DataHub: Collaborative Data Science & Dataset Version Management at Scale

Aaron Elmore (Massachusetts Institute of Technology / University of Chicago)

Abstract: Relational databases have limited support for data collaboration, where teams collaboratively curate and analyze large datasets. Inspired by software version control systems like git, we propose (a) a dataset version control system, giving users the ability to create, branch, merge, difference and search large, divergent collections of datasets, and (b) a platform, DataHub, that gives users the ability to perform collaborative data analysis building on this version control system. In this talk I outline the challenges in providing dataset version control at scale. DataHub is a collaboration between the University of Chicago, University of Illinois Urbana-Champaign, University of Maryland, and MIT.

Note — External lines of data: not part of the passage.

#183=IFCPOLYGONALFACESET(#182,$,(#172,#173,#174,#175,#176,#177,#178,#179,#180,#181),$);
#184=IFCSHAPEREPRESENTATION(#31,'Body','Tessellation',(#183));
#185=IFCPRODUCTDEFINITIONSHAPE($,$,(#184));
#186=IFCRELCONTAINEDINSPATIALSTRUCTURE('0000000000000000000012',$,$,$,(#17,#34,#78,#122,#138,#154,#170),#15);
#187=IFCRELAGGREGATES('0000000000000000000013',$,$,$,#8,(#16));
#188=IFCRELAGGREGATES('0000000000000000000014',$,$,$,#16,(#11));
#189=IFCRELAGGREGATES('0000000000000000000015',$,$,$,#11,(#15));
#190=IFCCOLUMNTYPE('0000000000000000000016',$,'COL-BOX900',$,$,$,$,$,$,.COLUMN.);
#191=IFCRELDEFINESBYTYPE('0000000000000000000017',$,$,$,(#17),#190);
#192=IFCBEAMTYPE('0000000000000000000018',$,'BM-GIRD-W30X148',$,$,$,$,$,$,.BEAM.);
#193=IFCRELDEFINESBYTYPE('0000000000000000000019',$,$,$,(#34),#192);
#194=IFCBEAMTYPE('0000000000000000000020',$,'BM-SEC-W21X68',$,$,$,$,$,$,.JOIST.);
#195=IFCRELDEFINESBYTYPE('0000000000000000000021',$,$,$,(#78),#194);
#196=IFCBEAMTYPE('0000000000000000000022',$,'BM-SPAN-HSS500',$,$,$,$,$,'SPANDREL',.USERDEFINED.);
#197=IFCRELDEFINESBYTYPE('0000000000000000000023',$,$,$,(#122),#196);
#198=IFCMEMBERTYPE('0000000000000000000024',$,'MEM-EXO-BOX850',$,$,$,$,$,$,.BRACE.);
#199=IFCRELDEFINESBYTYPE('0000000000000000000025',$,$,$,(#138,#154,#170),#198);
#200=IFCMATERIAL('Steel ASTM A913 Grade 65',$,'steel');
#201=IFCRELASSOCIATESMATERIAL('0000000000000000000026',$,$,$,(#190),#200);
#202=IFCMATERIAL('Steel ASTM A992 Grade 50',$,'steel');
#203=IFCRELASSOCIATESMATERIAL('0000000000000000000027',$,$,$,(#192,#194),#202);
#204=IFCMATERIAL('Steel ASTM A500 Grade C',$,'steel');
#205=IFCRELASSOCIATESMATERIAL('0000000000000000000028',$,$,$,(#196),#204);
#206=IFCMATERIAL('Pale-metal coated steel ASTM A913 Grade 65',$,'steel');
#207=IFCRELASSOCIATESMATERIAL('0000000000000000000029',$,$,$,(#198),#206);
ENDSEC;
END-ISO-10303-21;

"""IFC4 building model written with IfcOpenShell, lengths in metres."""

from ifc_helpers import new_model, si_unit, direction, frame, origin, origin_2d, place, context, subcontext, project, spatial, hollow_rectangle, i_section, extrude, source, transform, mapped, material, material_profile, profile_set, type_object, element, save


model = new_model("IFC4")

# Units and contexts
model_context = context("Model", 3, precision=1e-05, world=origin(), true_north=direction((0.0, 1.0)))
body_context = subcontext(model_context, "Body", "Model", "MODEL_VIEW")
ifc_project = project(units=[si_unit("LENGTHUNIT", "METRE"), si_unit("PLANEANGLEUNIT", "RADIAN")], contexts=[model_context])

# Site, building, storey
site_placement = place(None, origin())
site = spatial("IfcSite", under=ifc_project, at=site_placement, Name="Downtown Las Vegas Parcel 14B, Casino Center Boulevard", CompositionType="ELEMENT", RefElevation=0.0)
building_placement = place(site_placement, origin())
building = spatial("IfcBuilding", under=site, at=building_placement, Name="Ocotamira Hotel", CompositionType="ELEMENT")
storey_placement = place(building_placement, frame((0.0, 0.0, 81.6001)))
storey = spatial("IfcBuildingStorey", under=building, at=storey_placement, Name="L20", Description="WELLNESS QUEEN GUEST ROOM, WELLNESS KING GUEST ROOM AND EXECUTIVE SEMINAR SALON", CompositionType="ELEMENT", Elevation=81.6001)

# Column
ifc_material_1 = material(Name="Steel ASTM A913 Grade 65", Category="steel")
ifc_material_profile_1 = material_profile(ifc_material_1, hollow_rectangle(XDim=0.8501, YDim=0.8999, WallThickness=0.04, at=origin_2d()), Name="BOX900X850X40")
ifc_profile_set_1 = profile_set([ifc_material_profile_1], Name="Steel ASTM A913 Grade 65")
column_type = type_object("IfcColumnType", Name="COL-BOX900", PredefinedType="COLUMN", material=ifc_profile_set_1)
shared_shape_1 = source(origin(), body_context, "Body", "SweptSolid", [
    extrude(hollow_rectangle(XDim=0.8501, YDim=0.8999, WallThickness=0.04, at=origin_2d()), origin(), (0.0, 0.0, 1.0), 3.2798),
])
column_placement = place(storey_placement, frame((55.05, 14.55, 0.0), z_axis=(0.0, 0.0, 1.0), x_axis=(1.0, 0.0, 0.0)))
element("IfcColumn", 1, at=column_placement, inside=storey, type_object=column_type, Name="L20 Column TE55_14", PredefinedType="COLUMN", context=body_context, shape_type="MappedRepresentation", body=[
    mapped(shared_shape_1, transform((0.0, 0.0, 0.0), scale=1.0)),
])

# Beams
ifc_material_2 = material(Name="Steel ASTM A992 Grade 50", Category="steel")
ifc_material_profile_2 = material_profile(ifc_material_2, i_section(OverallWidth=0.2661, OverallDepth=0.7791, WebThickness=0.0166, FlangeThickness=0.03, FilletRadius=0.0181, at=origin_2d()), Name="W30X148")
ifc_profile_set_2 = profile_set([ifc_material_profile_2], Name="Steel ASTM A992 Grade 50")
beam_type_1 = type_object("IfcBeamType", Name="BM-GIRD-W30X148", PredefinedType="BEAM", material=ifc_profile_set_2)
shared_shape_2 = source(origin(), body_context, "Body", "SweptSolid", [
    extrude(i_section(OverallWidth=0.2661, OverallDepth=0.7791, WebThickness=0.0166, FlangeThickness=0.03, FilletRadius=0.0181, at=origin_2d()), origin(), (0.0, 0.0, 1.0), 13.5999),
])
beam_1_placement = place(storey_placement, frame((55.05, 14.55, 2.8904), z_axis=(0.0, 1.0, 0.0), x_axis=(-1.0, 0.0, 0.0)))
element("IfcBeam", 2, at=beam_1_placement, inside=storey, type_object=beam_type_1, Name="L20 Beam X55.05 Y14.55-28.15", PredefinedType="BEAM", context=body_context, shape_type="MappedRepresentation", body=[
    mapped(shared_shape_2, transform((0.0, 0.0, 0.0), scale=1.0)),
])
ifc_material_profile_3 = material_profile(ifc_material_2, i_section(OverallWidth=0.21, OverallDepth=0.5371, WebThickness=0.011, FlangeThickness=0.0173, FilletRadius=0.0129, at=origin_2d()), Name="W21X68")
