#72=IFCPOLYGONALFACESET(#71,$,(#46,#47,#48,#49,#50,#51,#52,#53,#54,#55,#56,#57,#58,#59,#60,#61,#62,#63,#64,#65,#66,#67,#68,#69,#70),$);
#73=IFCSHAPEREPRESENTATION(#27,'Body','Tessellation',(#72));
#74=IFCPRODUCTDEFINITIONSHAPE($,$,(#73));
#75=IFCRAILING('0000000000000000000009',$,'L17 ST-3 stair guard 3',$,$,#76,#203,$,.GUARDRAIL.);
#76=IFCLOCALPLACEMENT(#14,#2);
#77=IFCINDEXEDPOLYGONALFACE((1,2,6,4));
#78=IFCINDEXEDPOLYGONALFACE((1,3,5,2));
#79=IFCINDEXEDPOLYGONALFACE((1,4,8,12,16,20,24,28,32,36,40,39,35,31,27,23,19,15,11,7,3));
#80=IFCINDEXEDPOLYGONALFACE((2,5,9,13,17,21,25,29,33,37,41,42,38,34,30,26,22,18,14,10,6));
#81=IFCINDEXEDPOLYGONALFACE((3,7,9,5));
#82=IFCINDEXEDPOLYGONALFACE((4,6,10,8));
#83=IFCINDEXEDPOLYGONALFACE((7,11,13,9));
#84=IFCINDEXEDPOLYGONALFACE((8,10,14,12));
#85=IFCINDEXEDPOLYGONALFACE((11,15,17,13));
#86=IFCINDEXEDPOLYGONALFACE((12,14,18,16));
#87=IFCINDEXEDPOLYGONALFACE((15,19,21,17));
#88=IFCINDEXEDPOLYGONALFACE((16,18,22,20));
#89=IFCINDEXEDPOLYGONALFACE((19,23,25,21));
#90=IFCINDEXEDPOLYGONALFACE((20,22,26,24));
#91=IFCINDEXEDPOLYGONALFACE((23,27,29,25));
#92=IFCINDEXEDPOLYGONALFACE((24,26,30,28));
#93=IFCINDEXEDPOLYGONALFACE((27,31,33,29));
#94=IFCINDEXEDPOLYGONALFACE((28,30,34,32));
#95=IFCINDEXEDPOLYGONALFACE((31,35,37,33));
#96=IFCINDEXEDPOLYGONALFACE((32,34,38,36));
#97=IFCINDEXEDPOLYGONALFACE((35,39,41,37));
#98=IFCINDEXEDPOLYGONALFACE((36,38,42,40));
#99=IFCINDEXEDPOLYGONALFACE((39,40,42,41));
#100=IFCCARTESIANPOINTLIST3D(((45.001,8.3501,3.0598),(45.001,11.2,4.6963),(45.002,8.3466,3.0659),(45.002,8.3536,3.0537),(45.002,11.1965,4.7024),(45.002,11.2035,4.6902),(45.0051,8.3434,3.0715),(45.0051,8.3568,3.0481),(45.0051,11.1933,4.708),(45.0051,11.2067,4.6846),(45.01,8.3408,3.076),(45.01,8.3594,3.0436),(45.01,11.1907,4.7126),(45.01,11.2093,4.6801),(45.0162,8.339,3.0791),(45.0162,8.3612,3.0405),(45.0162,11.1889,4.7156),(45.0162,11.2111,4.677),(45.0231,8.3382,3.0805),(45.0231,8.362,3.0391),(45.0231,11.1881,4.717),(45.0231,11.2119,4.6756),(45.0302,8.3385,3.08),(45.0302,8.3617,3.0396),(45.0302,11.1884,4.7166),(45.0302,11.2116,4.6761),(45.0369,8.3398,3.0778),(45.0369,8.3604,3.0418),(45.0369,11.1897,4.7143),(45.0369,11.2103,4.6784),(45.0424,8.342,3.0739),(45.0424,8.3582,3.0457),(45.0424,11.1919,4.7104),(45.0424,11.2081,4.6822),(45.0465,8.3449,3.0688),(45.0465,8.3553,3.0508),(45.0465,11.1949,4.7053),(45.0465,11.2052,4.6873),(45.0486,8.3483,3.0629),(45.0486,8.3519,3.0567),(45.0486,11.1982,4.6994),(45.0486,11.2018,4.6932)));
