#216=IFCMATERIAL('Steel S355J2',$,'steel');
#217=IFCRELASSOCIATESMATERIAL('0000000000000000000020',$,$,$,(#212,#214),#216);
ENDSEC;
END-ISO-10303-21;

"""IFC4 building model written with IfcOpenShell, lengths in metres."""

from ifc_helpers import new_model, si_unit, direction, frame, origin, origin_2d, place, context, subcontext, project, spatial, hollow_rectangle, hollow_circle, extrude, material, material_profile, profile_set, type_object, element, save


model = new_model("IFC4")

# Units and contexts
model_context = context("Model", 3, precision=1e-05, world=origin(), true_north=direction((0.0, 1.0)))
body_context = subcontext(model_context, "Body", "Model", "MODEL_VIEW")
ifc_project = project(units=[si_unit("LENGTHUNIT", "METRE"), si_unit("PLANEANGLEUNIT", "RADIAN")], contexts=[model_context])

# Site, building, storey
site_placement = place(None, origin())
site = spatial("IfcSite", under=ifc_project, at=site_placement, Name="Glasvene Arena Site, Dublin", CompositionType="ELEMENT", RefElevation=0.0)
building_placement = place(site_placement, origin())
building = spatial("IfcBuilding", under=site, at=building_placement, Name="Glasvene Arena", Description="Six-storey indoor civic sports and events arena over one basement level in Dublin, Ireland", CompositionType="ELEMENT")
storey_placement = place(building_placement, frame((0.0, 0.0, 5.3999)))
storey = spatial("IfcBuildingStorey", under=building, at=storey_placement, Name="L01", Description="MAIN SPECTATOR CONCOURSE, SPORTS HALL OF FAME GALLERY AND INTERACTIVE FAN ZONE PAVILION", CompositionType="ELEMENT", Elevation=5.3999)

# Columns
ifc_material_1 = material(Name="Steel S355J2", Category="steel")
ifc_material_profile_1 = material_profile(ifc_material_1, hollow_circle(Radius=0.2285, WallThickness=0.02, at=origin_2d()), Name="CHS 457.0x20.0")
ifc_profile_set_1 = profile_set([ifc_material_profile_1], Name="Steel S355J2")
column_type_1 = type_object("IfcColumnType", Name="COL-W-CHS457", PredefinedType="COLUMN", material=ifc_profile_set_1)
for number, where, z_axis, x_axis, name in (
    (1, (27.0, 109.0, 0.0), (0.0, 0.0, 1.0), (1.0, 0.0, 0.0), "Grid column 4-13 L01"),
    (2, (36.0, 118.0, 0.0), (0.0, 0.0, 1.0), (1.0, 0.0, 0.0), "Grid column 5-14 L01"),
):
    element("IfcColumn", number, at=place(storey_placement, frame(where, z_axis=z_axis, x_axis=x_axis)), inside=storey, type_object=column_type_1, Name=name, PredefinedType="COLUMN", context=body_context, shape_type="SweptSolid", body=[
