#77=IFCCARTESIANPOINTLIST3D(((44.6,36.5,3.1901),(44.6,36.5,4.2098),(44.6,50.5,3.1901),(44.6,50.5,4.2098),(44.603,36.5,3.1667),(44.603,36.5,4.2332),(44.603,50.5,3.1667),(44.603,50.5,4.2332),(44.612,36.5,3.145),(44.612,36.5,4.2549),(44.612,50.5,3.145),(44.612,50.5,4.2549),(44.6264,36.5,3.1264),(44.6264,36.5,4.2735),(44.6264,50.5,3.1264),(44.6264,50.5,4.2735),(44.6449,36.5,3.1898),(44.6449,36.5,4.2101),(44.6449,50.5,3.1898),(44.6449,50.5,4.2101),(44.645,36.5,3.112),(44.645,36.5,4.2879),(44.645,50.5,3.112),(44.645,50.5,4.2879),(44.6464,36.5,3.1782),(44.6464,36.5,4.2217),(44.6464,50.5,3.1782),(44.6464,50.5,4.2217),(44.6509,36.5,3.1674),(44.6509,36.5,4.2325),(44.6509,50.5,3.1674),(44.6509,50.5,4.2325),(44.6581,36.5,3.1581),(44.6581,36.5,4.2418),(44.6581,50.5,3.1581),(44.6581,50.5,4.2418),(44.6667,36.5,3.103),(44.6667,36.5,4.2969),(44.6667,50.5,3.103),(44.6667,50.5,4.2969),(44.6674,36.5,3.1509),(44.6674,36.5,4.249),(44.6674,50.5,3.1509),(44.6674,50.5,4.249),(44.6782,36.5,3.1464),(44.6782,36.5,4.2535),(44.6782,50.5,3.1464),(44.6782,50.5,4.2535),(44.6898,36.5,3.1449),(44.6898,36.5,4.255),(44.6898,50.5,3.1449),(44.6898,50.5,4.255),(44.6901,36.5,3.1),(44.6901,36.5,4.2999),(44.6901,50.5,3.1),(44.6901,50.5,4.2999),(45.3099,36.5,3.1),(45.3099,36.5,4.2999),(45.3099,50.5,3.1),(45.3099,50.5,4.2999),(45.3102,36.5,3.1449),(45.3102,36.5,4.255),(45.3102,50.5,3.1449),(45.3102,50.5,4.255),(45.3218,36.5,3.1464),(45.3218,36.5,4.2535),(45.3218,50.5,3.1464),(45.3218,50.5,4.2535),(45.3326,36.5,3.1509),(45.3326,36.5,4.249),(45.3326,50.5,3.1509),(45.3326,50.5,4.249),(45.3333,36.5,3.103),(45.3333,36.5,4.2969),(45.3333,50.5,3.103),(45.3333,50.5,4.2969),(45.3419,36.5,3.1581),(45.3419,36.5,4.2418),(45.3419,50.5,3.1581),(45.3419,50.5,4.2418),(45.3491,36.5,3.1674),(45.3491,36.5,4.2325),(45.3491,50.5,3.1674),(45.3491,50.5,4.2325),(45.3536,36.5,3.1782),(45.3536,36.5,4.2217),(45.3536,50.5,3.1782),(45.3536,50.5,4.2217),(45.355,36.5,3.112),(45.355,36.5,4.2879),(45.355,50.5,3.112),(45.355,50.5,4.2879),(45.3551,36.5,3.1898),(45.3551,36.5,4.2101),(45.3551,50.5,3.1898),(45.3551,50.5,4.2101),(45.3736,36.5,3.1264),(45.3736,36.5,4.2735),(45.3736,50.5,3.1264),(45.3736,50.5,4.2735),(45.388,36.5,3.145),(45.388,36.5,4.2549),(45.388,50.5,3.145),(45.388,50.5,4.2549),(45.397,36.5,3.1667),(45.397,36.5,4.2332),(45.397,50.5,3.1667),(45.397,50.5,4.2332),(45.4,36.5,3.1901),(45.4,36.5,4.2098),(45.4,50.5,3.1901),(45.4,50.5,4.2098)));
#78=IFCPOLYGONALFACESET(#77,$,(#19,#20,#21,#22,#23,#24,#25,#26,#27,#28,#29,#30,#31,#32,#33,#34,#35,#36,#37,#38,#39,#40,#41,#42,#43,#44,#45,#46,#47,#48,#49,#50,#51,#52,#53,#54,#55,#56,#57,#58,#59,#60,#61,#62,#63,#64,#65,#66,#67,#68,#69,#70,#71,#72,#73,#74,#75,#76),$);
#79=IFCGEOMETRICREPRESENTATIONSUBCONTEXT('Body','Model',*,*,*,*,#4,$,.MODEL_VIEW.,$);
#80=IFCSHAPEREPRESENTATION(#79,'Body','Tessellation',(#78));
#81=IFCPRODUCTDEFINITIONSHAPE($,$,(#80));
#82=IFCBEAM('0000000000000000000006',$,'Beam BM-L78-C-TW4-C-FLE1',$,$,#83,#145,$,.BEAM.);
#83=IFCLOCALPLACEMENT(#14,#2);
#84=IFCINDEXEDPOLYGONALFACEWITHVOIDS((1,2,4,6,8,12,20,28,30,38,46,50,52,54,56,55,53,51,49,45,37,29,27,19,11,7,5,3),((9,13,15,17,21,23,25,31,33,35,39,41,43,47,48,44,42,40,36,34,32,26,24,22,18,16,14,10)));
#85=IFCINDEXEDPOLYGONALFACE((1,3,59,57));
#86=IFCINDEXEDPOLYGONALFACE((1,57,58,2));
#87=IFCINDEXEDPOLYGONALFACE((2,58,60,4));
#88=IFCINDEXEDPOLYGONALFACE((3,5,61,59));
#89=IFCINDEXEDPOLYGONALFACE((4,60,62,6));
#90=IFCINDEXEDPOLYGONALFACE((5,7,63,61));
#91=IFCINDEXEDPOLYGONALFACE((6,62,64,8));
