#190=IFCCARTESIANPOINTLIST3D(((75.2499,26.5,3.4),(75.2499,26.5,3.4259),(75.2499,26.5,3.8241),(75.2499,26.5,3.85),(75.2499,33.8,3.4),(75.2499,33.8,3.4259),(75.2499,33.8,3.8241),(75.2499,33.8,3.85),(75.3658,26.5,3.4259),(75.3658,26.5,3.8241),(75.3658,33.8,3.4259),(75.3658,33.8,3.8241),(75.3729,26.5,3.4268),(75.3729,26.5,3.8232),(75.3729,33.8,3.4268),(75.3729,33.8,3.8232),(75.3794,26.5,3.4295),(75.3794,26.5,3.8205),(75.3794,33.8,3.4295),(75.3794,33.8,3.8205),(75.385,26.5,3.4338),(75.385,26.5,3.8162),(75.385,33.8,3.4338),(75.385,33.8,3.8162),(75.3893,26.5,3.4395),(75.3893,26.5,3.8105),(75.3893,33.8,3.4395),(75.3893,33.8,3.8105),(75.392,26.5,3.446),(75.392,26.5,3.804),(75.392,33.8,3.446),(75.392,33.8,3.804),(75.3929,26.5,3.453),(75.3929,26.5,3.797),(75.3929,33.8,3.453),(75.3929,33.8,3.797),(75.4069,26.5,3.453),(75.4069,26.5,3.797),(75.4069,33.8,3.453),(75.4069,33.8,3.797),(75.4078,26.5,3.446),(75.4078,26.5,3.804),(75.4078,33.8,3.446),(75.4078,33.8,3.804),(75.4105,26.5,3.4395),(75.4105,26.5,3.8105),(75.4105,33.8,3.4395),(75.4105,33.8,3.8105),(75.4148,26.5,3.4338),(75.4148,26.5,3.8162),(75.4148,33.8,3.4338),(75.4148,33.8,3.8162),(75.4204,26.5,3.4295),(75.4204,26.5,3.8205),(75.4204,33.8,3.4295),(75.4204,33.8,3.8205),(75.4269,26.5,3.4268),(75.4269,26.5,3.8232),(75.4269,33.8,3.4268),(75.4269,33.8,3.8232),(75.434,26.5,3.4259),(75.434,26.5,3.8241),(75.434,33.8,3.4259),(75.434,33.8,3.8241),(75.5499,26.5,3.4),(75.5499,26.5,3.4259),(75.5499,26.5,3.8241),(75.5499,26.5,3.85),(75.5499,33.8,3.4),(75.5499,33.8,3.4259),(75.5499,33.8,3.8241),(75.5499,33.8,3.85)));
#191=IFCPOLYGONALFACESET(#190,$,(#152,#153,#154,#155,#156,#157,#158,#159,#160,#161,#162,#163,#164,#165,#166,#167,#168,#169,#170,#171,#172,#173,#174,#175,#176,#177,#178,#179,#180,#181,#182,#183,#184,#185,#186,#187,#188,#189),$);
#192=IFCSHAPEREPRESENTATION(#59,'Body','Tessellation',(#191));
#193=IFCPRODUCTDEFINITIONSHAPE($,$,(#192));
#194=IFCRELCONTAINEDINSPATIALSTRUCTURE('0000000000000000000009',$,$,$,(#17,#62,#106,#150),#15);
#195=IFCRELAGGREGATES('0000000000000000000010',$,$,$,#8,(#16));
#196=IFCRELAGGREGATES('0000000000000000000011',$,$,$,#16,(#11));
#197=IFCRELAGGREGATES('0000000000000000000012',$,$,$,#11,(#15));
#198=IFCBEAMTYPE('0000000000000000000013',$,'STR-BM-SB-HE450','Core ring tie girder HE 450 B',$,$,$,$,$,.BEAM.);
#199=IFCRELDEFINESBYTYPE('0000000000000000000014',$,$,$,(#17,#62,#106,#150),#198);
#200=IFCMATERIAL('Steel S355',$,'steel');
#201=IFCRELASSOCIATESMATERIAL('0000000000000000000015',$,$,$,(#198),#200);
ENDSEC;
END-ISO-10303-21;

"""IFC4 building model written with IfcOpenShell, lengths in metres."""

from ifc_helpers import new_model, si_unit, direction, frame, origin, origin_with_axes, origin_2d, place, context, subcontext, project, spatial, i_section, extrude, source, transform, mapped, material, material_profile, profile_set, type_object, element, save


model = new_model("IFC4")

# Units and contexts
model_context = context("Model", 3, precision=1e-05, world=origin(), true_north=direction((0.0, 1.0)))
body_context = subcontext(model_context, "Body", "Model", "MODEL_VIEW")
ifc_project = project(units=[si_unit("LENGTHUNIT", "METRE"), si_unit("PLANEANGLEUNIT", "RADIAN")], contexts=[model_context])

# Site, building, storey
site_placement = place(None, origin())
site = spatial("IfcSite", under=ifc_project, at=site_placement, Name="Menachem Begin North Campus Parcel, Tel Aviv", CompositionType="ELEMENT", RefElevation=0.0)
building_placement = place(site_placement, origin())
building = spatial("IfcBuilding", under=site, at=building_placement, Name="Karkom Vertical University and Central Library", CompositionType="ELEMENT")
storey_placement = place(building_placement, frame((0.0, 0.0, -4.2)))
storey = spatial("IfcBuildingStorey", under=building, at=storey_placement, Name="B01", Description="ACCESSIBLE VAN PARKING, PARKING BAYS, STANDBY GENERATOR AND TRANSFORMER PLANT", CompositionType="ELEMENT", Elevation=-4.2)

Bio: Aaron J. Elmore is an Assistant Professor in the Department of Computer Science, and the College of the University of Chicago starting June 2015. Aaron is currently a Postdoctoral Associate at MIT working with Mike Stonebraker on elastic and multitenant database systems, and Sam Madden on the collaborative data analytic platform, DataHub. Aaron's thesis on Elasticity Primitives for Database-as-a-Service was completed at the University of California, Santa Barbara under the supervision of Divy Agrawal and Amr El Abbadi.